I add perfective counterparts of imperfective verbs.


----------



## merquiades

In my English, _bathing_ is limited to bathrooms, bathtubs, hot tubs, jacuzzis and bath houses.  _Swimming_ is pools, rivers, lakes, ponds, seas, oceans, whether or not you are practicing sport or just floating around on a raft sucking up the sun drinking a piña colada and barely wet even.  Saying _bathe_ in the pool sounds a wee bit strange, you might think they are going in with shampoo and a bar of soap.

In French the difference between _se baigner_ and _nager_ pretty much matches the other Romance languages.  When you say _nager_ people think movement and sport, and _se baigner_ is get wet and relax.


----------



## ThomasK

Couldn't the extra meaning of "bathe" be very situational? I do not think dictionaries would consider swimming an extra meaning of bathing. In Dutch that meaning would be "accidental", I think (for lack of a better word).


----------



## merquiades

I think the concept is more profound and abstract than we imagine and goes beyond cognates or etymology.  I realized after a long time that communication had broken down when I would say to friends in Spain that I was going swimming. They thought I was working out while I was just enjoying the beach.
This is the question to ask.
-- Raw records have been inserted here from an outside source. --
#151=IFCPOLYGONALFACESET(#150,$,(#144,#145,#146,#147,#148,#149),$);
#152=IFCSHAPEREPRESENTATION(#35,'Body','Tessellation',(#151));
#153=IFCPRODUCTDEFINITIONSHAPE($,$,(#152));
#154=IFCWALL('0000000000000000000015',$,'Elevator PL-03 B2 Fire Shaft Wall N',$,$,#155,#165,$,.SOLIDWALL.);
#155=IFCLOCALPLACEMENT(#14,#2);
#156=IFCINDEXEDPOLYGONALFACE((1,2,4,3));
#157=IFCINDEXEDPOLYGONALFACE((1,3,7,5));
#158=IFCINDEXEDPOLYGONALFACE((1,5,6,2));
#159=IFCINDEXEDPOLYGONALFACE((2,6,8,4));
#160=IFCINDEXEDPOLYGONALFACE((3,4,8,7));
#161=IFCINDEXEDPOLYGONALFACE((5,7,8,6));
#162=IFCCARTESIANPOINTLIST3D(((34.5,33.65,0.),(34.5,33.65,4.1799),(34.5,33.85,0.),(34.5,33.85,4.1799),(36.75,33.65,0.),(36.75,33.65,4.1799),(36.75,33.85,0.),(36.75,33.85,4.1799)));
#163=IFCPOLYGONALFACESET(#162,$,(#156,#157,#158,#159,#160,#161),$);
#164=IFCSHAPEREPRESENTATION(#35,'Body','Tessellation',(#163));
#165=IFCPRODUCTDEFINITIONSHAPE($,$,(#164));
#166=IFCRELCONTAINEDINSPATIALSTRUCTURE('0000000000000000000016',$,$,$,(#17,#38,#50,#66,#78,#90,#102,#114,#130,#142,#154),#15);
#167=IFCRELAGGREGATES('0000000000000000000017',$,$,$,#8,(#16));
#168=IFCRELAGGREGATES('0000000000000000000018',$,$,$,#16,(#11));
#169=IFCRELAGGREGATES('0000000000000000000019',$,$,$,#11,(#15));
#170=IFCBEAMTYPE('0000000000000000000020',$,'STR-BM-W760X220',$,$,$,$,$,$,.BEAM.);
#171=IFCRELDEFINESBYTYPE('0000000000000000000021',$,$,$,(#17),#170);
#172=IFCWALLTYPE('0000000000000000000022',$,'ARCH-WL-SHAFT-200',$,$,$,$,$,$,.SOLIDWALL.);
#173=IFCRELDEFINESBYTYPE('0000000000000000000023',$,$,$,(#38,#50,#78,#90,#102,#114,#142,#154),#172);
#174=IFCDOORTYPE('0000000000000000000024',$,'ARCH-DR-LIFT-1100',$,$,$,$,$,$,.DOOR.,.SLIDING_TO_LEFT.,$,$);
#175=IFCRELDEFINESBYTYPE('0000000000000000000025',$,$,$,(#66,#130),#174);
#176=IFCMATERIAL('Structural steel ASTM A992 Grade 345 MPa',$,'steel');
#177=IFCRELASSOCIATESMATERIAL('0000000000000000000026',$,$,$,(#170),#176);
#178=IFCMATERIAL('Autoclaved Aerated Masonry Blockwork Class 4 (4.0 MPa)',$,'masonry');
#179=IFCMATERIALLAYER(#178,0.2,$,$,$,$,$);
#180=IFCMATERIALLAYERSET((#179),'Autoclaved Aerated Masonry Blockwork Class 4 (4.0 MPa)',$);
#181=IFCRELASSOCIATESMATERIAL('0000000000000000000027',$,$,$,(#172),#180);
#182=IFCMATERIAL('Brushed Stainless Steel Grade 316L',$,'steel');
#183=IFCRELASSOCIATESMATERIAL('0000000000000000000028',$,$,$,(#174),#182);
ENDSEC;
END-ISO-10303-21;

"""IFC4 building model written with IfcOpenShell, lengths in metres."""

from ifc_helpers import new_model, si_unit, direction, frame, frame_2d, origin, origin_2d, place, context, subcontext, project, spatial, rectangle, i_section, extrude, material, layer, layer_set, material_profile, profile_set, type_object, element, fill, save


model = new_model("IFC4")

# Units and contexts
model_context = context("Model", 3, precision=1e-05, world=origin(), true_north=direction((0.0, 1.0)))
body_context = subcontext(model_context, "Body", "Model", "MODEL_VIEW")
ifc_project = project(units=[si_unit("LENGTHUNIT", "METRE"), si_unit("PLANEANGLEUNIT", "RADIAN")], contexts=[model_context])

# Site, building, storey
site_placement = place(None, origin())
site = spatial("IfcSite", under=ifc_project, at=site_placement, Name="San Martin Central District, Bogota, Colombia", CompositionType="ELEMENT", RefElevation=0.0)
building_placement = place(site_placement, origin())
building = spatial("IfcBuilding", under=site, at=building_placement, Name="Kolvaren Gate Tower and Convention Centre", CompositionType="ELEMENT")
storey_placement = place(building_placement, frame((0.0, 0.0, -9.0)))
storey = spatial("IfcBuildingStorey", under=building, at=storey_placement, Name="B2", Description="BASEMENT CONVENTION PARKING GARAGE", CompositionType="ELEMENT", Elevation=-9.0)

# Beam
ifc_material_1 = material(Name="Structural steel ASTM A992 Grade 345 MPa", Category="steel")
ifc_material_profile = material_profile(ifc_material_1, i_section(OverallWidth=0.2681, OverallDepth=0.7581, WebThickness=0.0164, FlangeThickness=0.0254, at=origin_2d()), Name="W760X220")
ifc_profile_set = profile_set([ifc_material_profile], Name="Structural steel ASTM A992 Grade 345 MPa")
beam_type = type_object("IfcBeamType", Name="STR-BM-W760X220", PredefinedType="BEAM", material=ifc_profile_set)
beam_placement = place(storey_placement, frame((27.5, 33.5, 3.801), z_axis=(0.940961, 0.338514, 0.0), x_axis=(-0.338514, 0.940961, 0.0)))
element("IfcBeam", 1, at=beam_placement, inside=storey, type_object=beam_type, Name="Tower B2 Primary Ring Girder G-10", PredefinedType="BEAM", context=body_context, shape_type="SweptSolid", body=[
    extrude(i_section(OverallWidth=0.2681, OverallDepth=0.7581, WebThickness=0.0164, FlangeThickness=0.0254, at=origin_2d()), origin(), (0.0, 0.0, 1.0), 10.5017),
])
What is  bathing?  Indoors or outdoors or both?  In a small bit of water or a lot of water?  In an enclosed area or out in the open?  For what purpose if any? cleaning is essential or not?
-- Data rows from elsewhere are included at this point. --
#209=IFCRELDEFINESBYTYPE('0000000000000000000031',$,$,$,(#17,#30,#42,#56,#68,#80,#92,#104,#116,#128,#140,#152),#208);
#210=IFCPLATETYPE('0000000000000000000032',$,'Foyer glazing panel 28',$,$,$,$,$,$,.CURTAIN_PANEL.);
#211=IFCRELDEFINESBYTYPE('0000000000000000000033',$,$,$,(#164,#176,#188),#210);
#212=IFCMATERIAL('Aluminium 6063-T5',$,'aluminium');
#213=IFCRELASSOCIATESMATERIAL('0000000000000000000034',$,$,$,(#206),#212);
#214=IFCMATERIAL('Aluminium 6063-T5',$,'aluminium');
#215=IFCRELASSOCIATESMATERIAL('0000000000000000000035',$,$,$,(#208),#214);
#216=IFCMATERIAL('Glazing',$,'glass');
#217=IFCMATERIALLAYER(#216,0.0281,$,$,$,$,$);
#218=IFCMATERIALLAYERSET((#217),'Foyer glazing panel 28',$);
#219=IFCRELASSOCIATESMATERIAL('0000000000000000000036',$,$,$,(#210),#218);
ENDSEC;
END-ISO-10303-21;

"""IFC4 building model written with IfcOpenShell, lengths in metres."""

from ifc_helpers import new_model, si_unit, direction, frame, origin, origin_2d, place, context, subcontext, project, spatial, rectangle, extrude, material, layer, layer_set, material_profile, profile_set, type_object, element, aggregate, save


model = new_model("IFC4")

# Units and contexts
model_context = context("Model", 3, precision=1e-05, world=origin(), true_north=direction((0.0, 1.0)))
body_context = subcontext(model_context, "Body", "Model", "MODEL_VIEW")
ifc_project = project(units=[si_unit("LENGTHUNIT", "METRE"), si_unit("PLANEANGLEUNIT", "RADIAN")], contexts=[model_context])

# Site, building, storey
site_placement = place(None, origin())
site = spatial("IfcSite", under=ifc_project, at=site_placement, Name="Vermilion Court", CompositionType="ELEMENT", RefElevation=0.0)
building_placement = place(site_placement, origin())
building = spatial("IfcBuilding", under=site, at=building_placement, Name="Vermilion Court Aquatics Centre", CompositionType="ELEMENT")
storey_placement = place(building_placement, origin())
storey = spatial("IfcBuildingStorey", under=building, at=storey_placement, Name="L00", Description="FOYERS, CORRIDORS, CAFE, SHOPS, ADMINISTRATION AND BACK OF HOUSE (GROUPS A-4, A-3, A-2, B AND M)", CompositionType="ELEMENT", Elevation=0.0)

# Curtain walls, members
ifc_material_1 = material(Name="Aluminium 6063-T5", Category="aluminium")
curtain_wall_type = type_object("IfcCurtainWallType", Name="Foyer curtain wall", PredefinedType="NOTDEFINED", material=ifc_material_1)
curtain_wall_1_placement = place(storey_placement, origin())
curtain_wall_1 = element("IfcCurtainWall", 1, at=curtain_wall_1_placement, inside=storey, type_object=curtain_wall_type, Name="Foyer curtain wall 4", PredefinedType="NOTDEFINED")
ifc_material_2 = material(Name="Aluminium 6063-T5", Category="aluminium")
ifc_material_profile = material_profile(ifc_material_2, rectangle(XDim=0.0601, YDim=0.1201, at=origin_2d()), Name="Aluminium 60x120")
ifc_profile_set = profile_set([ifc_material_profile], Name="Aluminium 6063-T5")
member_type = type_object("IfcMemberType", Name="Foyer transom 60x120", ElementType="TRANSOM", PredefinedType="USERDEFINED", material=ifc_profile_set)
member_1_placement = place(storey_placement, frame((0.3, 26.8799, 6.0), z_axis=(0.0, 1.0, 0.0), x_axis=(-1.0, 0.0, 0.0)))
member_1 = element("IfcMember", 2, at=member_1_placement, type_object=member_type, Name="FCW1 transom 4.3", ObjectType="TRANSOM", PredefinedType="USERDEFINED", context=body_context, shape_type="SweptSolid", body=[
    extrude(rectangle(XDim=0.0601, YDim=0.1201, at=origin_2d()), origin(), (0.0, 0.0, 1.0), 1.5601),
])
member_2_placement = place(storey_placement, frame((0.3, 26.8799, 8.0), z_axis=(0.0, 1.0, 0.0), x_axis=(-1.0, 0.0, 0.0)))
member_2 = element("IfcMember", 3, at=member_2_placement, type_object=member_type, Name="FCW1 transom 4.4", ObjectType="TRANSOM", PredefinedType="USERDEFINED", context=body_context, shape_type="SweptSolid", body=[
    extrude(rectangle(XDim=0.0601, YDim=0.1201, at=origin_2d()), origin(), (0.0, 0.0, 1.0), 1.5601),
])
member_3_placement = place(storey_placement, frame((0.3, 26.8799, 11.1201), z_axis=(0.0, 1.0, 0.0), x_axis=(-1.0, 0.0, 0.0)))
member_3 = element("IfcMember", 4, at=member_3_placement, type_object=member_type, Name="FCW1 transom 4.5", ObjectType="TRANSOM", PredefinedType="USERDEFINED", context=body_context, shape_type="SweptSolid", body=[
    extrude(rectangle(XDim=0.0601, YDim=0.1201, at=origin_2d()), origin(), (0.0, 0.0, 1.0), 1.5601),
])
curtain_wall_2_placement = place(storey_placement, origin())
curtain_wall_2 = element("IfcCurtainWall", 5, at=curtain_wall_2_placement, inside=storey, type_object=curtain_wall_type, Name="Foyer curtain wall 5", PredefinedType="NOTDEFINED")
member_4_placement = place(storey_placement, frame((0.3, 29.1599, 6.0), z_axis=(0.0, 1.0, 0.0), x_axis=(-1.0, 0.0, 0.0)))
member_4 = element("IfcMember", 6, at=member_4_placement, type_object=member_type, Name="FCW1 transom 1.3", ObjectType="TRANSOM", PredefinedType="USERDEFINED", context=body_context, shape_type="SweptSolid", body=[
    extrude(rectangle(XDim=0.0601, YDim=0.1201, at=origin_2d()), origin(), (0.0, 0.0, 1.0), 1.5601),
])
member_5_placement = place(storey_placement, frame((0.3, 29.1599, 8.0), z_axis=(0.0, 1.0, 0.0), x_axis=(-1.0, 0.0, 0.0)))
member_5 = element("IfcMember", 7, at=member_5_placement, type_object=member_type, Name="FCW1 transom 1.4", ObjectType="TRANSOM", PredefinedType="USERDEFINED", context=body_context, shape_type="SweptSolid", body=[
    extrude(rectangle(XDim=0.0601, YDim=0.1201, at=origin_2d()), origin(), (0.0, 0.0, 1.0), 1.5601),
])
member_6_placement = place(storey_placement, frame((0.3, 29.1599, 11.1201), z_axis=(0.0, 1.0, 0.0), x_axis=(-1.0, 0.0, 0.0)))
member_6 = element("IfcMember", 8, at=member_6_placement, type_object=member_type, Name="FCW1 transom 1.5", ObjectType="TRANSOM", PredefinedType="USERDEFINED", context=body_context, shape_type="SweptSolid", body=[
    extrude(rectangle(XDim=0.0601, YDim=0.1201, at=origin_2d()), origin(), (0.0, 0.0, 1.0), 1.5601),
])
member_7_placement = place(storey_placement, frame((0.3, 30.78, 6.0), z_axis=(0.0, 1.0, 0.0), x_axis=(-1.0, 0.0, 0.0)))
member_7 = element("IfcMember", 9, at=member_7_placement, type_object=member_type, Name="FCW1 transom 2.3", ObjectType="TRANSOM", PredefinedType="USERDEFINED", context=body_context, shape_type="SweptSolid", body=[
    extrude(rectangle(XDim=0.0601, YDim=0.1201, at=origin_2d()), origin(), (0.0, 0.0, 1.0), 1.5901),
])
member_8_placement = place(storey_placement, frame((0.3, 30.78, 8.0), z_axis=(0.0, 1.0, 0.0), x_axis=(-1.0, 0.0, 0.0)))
When someone says to you?  I'm going to bathe. Me voy a bañar. Je vais me baigner.  What image first comes to mind?


----------



## Awwal12

merquiades said:


> When someone says to you?  I'm going to bathe. Me voy a bañar. Je vais me baigner.  What image first comes to mind?
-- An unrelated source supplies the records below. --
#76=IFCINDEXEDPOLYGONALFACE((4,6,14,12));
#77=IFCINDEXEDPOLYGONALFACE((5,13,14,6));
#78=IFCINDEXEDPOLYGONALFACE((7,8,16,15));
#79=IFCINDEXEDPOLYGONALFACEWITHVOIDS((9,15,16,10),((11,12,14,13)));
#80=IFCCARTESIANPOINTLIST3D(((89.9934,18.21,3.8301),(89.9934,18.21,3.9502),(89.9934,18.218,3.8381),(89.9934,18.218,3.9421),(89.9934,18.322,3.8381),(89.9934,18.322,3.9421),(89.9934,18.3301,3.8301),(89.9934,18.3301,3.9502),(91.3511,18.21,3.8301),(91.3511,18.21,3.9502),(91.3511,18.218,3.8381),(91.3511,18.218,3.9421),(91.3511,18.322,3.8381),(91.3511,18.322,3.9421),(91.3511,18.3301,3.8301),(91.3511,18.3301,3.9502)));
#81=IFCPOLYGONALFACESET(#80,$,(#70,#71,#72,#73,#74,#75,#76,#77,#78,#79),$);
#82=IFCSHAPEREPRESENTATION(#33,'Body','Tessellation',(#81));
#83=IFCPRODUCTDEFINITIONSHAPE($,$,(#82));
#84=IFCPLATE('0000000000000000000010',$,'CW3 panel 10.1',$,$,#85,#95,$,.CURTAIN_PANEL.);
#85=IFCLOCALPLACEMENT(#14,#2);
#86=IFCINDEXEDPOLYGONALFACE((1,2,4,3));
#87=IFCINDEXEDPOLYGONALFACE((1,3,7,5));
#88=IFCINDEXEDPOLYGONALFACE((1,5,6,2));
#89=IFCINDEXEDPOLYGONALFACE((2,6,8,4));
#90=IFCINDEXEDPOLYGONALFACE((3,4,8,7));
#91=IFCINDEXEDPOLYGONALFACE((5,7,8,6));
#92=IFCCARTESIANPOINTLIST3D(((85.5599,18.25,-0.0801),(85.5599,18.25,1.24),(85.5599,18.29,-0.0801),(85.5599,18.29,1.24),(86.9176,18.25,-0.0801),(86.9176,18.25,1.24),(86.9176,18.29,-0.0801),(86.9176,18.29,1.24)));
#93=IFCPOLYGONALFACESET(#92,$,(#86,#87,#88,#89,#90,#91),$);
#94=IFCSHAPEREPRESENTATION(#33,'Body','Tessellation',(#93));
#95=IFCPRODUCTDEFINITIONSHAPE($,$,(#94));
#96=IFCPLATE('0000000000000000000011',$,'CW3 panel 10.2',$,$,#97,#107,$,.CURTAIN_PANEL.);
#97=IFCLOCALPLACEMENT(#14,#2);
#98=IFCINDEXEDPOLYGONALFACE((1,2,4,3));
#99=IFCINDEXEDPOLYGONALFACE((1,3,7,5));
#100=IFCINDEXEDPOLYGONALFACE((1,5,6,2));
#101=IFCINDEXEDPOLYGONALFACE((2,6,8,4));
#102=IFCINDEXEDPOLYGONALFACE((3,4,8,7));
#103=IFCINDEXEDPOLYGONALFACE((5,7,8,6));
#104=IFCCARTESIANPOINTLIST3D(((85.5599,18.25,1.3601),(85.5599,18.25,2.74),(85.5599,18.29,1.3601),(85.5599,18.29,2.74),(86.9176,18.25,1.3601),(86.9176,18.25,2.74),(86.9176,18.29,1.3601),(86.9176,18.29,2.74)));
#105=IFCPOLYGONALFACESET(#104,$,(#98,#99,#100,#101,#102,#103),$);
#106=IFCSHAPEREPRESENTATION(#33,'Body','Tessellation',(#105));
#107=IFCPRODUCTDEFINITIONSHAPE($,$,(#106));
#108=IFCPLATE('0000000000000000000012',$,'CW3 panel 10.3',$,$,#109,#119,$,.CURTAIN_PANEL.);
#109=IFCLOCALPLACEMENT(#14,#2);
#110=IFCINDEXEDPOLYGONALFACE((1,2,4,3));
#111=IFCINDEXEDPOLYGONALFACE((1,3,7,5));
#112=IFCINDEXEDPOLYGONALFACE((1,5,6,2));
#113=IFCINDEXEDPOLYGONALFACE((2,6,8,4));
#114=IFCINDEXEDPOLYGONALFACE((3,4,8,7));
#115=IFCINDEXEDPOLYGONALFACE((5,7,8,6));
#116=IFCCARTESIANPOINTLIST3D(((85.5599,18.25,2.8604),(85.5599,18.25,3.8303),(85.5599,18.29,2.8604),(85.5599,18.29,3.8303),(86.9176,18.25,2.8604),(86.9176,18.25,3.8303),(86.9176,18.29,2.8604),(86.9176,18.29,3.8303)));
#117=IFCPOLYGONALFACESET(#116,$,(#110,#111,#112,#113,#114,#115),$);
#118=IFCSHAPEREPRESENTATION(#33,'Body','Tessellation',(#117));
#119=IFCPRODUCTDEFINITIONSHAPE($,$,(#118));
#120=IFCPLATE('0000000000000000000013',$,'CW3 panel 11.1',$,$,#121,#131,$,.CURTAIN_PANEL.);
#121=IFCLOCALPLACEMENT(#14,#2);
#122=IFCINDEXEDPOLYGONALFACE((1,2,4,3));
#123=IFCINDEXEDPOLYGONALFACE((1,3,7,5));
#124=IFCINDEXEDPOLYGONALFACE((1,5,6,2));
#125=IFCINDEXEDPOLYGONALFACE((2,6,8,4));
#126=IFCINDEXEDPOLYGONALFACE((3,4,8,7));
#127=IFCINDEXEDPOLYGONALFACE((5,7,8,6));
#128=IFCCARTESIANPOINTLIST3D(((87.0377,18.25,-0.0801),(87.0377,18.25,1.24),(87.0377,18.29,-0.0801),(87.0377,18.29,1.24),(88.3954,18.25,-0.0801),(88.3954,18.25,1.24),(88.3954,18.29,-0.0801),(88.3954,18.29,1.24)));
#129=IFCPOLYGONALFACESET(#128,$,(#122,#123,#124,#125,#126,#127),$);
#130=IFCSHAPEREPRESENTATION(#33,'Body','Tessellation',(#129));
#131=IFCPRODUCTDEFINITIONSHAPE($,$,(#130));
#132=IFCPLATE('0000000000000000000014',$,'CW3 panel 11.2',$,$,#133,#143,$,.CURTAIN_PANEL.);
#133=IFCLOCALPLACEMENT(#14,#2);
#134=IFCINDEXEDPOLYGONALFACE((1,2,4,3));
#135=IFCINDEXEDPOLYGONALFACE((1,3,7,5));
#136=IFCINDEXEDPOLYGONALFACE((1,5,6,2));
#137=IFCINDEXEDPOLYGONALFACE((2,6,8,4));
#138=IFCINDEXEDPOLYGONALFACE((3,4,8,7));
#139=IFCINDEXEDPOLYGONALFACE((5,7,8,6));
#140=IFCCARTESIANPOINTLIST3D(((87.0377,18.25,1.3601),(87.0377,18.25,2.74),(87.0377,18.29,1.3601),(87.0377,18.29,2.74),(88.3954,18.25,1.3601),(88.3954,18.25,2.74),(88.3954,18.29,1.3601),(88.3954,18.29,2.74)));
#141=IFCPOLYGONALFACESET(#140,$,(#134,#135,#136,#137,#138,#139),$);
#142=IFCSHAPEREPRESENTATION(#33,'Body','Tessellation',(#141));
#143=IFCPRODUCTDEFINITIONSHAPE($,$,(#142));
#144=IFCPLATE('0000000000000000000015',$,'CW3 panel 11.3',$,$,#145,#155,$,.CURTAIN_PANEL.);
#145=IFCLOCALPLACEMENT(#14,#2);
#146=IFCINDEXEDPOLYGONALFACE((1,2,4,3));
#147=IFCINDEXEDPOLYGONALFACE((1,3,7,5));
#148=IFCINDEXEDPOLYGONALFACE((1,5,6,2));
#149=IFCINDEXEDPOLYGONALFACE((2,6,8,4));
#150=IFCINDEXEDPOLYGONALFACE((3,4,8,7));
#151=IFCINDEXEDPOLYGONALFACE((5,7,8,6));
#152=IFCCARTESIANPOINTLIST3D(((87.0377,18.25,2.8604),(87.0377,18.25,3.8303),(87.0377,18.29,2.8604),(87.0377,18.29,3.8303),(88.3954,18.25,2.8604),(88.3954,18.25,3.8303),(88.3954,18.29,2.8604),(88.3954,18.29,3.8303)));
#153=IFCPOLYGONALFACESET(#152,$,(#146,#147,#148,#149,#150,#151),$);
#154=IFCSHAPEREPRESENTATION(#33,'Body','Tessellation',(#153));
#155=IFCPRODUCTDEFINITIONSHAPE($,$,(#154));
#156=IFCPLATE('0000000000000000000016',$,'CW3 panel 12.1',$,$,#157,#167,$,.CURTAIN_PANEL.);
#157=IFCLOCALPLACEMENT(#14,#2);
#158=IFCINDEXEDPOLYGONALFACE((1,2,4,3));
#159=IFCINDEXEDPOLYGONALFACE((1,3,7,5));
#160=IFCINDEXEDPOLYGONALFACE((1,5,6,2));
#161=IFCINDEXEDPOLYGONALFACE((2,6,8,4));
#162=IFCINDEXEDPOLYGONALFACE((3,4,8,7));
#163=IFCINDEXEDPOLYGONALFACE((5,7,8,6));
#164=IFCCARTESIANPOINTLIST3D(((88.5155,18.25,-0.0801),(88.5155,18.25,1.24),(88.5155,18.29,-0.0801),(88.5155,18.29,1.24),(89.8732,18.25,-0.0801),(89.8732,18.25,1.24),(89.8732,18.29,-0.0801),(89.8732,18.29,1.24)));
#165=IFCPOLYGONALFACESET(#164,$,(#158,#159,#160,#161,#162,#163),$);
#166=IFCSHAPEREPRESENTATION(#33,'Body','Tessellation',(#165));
Depending on the language? As one already could note here, the meaning and use of the respective words can differ, so, for instance, купаться isn't just the same as koupat se.


----------



## ThomasK

I think it implies getting into the water mainly, and what you do precisely, is very unclear. So indeed abstract at least. Why do you also call it "profound"? Referring to something like the essence of the relationship between man and water???
BTW: "*me* baigner" sounds different to me than just _bañar_ or _to bathe _(where the whole body does not necessarily seem to be implied).


----------



## merquiades

ThomasK said:


> I think it implies getting into the water mainly, and what you do precisely, is very unclear. So indeed abstract at least. Why do you also call it "profound"? Referring to something like the essence of the relationship between man and water???
> BTW: "*me* baigner" sounds different to me than just _bañar_ or _to bathe _(where the whole body does not necessarily seem to be implied).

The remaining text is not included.